Ivy nodded and set four places at the pine table in the middle of the expansive room, adding napkins from a basket of clean linens on the sideboard and counting silverware out of a drawer that needed regular soaping to keep it from sticking. She admired the cool weight of the flatware in her hand, so different from the inexpensive set she’d bought when she’d first moved to New York and had so little money to set up house.
“That smells divine.” Ivy turned toward the new voice, a smooth alto that poured out like a dram of fine scotch.

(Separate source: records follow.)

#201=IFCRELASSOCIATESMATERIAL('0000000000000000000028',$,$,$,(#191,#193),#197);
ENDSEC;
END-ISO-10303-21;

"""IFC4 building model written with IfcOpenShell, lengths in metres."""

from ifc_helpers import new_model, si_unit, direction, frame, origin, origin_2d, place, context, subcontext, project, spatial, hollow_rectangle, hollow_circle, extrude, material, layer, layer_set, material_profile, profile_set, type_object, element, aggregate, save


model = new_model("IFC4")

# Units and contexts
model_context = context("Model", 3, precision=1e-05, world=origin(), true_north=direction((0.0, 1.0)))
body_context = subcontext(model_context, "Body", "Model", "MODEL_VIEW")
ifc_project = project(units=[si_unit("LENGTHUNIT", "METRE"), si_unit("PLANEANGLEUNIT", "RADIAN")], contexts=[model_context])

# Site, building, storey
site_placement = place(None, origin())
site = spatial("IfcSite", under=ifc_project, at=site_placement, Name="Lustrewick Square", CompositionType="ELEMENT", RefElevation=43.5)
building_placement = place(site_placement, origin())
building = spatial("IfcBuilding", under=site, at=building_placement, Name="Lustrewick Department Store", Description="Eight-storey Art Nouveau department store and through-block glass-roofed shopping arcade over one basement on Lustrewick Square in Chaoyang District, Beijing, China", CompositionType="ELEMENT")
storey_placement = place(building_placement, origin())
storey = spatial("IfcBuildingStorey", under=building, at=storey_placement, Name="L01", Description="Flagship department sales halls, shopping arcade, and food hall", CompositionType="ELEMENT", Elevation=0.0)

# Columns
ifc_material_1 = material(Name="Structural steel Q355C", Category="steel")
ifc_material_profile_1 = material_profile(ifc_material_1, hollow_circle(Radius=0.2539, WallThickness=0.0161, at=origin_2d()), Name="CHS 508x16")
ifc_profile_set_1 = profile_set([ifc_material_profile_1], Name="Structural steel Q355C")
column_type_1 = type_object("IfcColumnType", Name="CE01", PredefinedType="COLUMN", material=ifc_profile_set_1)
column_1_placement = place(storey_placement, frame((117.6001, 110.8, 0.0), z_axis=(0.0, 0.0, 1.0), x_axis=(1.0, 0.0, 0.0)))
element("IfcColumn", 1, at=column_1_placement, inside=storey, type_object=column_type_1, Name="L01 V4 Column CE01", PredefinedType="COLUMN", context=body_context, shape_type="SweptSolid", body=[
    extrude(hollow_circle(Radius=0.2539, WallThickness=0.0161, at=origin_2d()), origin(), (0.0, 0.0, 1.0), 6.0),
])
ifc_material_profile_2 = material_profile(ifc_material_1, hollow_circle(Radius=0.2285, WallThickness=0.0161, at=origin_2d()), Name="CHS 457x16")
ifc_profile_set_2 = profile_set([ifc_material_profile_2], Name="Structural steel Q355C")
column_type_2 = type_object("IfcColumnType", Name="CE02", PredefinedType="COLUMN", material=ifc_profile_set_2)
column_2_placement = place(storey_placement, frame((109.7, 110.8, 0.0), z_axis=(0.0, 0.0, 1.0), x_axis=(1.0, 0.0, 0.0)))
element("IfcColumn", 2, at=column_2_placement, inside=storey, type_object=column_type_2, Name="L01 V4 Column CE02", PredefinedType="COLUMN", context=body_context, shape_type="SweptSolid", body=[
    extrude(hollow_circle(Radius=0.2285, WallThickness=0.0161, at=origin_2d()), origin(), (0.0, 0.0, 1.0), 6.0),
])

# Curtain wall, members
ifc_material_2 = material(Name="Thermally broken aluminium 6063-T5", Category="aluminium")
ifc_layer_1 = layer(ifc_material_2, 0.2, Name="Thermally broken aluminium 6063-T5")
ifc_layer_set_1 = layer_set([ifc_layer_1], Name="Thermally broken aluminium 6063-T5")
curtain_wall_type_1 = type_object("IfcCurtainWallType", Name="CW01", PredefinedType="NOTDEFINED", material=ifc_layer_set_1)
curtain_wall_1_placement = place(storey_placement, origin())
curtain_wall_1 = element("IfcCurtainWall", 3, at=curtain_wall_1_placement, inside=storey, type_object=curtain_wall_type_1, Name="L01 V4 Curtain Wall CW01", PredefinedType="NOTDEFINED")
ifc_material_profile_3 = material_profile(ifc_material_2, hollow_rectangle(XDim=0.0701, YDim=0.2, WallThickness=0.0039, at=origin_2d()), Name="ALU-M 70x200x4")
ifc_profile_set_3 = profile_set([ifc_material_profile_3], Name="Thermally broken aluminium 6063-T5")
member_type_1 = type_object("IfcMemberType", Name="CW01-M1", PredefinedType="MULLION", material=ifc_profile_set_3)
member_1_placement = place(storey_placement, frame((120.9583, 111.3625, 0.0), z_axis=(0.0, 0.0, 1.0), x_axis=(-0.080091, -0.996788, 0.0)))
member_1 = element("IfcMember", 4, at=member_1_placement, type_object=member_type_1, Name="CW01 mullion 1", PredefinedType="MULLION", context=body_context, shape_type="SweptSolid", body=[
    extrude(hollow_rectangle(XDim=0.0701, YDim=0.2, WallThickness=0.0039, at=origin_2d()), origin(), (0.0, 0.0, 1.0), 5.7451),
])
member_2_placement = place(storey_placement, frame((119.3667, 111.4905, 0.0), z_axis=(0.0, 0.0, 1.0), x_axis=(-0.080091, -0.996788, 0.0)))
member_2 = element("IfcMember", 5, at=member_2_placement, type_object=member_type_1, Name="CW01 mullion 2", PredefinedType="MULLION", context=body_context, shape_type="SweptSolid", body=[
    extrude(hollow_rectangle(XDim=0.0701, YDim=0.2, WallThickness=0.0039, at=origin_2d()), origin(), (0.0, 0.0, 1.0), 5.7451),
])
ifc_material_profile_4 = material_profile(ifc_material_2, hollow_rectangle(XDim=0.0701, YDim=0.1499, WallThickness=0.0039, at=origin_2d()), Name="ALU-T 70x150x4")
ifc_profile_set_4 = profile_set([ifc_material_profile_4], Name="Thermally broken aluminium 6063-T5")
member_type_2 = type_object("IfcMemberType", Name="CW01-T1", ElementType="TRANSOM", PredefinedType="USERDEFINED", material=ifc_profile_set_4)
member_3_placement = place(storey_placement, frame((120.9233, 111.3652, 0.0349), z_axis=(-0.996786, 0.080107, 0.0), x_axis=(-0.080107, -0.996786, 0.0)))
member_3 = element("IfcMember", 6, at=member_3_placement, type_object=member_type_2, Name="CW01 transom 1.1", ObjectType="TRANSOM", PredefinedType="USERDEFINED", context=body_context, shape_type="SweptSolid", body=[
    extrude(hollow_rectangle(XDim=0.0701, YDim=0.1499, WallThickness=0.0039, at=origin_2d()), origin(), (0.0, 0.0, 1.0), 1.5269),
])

Holly Macpherson was short where her husband was tall, plump and matter-of-fact, businesslike and as comforting as Laurel. She’d cut her hair short years ago, complaining that her original long, wavy locks were too hot to manage with three daughters, a husband, and a farm to keep after. Today, it stood away from her broad forehead, a sure sign she’d been pushing it back in frustration and speed. The last shipment of fruitcakes traditionally left two days before Christmas, so tomorrow would be a blur of packing, labeling, and stamping to ensure that only the last-minute orders had to be rushed over to the FedEx office in Hemlock before they closed up shop.
“Goodness, Ivy, don’t they feed you in that city?” Holly said, pulling her into a tight hug.
Older and smaller though she might be, Holly was as strong as a Shetland pony and about as stubborn.
“They feed me, Mama. I just walk a lot.” That much was true. Ivy dared not admit that food was an afterthought most days. Certainly not food like this, heaped into serving dishes and passed around the table.